Нас так долго учили – отдавать и ничего не брать взамен. Жертвовать собой ради других. Каждый шаг – как на пулеметы, каждый взгляд – благороден и мудр, ни одной пустой мысли, ни одного греховного помысла. Ведь мы – Иные. Мы встали над толпой, развернули свои безупречно чистые знамена, надраили хромовые сапоги, натянули белые перчатки. О да, в своем маленьком мирке мы позволяем себе все что угодно. Любому поступку найдется оправдание, честное и возвышенное. Уникальный номер: впервые на арене мы – в белом, а все вокруг – в дерьме.

Надоело!

Горячее сердце, чистые руки, холодная голова… Не случайно же во время революции и Гражданской войны Светлые почти в полном составе прибились к ЧК? А те, кто не прибился, большей частью сгинули. От рук Темных, а еще больше – от рук тех, кого защищали. От человеческих рук. От человеческой глупости, подлости, трусости, ханжества, зависти. Горячее сердце, чистые руки. Голова пусть остается холодной. Иначе нельзя. А вот с остальным не согласен. Пусть сердце будет чистым, а руки – горячими.
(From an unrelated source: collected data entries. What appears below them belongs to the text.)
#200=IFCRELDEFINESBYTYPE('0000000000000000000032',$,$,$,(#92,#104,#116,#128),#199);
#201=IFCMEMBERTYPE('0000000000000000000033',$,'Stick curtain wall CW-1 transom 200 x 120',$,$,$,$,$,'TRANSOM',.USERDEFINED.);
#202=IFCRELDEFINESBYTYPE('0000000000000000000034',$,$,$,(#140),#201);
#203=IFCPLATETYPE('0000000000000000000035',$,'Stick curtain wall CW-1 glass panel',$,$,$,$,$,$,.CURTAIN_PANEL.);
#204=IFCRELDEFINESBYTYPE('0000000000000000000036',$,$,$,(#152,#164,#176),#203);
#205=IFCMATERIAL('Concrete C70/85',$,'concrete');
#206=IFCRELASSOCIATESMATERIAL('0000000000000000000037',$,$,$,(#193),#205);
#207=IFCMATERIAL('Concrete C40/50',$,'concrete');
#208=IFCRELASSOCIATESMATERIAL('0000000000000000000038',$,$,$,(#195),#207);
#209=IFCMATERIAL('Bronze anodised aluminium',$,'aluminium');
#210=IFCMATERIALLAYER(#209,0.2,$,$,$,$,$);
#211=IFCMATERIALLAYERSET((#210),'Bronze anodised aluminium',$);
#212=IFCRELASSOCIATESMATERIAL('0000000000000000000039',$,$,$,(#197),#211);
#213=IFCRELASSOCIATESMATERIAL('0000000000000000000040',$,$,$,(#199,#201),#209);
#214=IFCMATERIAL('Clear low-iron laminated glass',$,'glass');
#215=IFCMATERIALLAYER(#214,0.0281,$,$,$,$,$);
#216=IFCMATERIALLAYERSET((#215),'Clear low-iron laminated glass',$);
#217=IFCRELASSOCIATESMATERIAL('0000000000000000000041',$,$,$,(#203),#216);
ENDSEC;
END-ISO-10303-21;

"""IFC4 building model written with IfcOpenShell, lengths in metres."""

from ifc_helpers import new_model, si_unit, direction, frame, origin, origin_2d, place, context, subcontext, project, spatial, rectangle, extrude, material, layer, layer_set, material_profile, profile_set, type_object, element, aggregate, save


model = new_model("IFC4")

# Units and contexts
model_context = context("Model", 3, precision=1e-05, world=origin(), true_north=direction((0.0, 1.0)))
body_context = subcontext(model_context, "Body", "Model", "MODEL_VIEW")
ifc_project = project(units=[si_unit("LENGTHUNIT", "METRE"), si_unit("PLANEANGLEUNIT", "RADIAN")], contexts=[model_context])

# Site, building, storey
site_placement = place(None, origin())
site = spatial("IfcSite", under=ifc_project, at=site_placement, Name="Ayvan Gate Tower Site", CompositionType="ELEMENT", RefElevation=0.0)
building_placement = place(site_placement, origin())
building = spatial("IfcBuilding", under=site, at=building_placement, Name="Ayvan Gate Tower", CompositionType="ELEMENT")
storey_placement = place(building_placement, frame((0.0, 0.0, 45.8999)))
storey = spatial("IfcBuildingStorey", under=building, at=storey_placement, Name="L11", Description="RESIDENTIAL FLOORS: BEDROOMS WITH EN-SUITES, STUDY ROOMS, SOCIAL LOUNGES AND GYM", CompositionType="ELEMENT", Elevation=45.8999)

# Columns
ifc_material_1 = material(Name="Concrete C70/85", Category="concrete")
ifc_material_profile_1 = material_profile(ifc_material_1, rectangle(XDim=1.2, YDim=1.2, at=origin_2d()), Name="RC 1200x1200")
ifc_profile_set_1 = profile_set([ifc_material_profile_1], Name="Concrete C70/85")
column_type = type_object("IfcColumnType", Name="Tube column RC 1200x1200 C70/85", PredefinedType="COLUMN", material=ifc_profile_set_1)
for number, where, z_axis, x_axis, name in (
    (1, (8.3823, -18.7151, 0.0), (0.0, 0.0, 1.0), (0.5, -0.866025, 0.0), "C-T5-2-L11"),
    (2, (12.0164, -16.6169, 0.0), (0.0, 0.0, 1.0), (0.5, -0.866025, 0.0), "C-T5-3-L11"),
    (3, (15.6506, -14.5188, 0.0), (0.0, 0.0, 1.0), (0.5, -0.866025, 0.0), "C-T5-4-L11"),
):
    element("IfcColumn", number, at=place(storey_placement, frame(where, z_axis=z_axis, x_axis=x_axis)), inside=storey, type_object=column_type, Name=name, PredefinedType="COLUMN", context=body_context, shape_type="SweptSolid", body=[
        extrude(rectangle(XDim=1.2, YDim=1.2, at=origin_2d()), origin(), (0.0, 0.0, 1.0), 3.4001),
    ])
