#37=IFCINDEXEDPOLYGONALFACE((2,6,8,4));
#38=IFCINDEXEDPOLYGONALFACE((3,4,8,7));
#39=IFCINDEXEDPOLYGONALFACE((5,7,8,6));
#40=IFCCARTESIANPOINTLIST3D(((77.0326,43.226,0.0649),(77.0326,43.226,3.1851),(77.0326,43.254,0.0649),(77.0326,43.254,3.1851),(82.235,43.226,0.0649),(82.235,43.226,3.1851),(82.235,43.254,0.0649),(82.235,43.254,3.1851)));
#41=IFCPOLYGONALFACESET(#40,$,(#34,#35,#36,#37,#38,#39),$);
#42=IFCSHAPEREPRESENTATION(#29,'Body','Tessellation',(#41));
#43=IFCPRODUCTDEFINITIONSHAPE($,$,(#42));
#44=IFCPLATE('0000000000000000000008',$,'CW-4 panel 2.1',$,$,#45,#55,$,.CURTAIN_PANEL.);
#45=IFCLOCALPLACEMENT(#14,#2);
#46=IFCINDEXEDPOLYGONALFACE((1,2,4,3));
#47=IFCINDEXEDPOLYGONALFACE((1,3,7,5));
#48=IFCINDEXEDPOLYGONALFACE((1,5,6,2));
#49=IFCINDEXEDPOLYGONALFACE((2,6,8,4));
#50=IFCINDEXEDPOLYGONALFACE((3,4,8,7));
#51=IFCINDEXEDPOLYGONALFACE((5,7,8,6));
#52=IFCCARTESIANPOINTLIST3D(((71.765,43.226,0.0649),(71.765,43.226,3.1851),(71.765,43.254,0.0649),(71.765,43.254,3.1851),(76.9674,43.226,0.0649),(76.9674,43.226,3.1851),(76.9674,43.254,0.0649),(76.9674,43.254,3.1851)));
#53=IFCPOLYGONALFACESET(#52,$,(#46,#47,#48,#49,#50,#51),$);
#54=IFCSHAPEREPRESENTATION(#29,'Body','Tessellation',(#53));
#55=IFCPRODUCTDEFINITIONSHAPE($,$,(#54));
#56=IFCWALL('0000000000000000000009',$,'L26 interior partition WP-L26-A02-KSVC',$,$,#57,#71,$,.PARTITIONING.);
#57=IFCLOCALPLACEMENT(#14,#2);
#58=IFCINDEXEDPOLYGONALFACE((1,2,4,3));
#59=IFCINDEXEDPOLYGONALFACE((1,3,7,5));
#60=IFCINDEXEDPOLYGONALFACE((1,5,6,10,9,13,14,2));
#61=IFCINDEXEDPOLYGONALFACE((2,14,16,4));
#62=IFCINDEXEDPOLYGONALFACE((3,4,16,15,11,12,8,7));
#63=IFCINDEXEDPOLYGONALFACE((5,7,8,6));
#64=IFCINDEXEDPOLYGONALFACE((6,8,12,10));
Мне так больше нравится!

– Не хочу вас защищать, – сказал я в тишину лесного утра. – Не хочу! Детей и женщин, стариков и юродивых – никого, живите, как вам хочется. Получайте то, чего достойны! Бегайте от вампиров, поклоняйтесь Темным магам, целуйте козла под хвост! Если заслужили – получайте! Если моя любовь меньше, чем ваша счастливая жизнь, я не хочу вам счастья!
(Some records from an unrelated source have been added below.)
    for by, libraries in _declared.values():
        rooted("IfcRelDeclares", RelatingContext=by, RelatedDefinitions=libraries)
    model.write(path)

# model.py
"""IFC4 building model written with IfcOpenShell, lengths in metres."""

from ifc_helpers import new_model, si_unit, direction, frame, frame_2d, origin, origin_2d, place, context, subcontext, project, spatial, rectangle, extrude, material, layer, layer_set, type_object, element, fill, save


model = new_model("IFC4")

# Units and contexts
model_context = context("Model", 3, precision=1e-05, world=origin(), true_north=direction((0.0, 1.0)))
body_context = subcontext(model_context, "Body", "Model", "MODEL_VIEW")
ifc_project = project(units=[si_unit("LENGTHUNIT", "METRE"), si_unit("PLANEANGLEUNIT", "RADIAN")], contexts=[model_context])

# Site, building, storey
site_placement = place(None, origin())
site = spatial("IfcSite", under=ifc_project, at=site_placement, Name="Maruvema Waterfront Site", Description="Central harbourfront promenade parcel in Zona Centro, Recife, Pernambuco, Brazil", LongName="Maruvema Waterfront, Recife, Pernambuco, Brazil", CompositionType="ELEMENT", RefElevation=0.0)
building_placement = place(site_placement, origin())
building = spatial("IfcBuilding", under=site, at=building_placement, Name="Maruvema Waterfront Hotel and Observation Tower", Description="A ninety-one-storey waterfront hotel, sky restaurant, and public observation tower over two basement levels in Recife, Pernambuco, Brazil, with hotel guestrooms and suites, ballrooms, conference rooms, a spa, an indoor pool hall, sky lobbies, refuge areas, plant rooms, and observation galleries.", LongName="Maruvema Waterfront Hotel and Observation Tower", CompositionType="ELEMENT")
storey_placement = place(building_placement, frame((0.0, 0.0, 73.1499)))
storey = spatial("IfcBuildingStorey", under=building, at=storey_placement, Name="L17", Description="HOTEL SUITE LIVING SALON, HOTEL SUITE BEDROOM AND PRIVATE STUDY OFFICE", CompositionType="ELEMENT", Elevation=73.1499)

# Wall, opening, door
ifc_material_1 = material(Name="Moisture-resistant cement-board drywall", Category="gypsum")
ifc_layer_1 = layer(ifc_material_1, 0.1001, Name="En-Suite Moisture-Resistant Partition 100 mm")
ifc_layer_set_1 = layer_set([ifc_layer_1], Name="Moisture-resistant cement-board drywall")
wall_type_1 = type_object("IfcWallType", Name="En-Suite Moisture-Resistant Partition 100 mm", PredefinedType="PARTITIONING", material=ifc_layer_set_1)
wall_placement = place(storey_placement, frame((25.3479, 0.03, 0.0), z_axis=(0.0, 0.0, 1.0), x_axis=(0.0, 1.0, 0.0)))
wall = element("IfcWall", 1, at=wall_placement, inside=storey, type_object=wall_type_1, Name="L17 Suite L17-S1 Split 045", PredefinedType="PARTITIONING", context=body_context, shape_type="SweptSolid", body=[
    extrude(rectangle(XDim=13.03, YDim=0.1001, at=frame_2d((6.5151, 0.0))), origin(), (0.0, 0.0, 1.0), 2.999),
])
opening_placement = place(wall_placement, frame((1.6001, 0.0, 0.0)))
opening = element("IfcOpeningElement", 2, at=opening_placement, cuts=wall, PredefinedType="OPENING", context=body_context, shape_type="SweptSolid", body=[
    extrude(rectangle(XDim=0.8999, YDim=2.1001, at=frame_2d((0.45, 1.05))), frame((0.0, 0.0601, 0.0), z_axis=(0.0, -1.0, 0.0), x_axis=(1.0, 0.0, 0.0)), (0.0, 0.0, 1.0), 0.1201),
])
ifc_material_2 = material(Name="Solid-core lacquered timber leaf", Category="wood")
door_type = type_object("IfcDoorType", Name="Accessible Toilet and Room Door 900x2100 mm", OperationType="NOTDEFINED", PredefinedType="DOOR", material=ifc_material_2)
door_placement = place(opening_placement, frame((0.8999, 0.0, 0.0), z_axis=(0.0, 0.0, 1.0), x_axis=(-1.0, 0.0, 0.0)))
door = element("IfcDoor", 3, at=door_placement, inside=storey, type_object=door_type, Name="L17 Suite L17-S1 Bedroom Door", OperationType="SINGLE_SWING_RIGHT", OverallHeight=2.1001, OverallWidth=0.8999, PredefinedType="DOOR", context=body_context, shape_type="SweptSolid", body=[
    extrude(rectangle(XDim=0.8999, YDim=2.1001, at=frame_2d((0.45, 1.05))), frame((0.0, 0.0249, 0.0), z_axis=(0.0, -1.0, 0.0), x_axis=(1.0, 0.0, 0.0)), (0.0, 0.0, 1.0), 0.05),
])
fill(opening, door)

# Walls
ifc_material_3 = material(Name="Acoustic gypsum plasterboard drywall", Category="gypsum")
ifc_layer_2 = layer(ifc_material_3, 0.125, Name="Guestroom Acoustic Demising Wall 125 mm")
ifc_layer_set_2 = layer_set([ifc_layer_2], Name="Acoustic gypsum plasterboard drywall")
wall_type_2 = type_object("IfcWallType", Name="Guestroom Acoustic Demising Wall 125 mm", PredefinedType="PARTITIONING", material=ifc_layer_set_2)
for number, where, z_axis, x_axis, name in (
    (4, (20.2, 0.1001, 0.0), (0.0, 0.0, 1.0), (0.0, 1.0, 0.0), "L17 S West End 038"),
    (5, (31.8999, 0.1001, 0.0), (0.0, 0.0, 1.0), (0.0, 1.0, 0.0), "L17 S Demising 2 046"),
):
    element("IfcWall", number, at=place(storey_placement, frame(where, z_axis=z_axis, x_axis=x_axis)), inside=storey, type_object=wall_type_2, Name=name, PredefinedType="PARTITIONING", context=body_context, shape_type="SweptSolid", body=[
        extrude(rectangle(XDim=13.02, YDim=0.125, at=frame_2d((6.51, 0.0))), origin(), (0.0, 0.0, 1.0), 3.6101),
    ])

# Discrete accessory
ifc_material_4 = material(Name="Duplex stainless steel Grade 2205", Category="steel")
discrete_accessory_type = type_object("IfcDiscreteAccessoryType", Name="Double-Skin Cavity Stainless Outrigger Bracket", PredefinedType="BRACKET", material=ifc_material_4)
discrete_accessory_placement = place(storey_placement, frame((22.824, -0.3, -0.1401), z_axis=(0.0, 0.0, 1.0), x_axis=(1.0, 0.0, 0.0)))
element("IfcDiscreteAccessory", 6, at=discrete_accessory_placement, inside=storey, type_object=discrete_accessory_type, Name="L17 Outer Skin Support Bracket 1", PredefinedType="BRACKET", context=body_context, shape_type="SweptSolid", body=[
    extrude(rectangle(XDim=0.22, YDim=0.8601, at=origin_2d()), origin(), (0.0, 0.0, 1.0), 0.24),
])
Они могут и должны стать лучше, они наши корни, они наше будущее, они наши подопечные. Маленькие и большие люди, дворники и президенты, преступники и полицейские. В них теплится Свет, что может разгореться животворящим теплом или смертоносным пламенем…

Не верю!

Я видел вас всех. Дворников и президентов, бандитов и ментов. Видел, как матери избивают сыновей, а отцы насилуют дочерей. Видел, как сыновья выгоняют матерей из дома, а дочери подсыпают отцам мышьяк. Видел, как, едва закрывая за гостями дверь, не прекращающий улыбаться муж бьет по лицу беременную жену. Видел, как, закрывая дверь за пьяненьким мужем, выбежавшим в магазин за добавкой, жена обнимает и жадно целует его лучшего друга. Это очень просто – видеть. Надо лишь уметь смотреть. Потому нас и учат раньше, чем учить смотреть сквозь сумрак, – нас учат не смотреть.

Но мы все равно смотрим.

Они слабые, они мало живут, они всего боятся. Их нельзя презирать и преступно ненавидеть. Их можно только любить, жалеть и оберегать. Это наша работа и долг. Мы – Дозор.

Не верю!

Никого не заставишь совершить подлость. В грязь нельзя столкнуть, в грязь ступают лишь сами. Какой бы ни была жизнь вокруг, оправданий нет и не предвидится. Но оправдания ищут и находят. Всех людей так учили, и все они оказались прилежными учениками.

А мы, наверное, лишь лучшие из лучших.

Да, наверное, да, конечно, были, есть и будут те, кто не стал Иным, но ухитрился остаться Человеком. Вот только их мало, так мало. А может быть, просто мы боимся посмотреть на них пристальнее? Боимся увидеть то, что может открыться?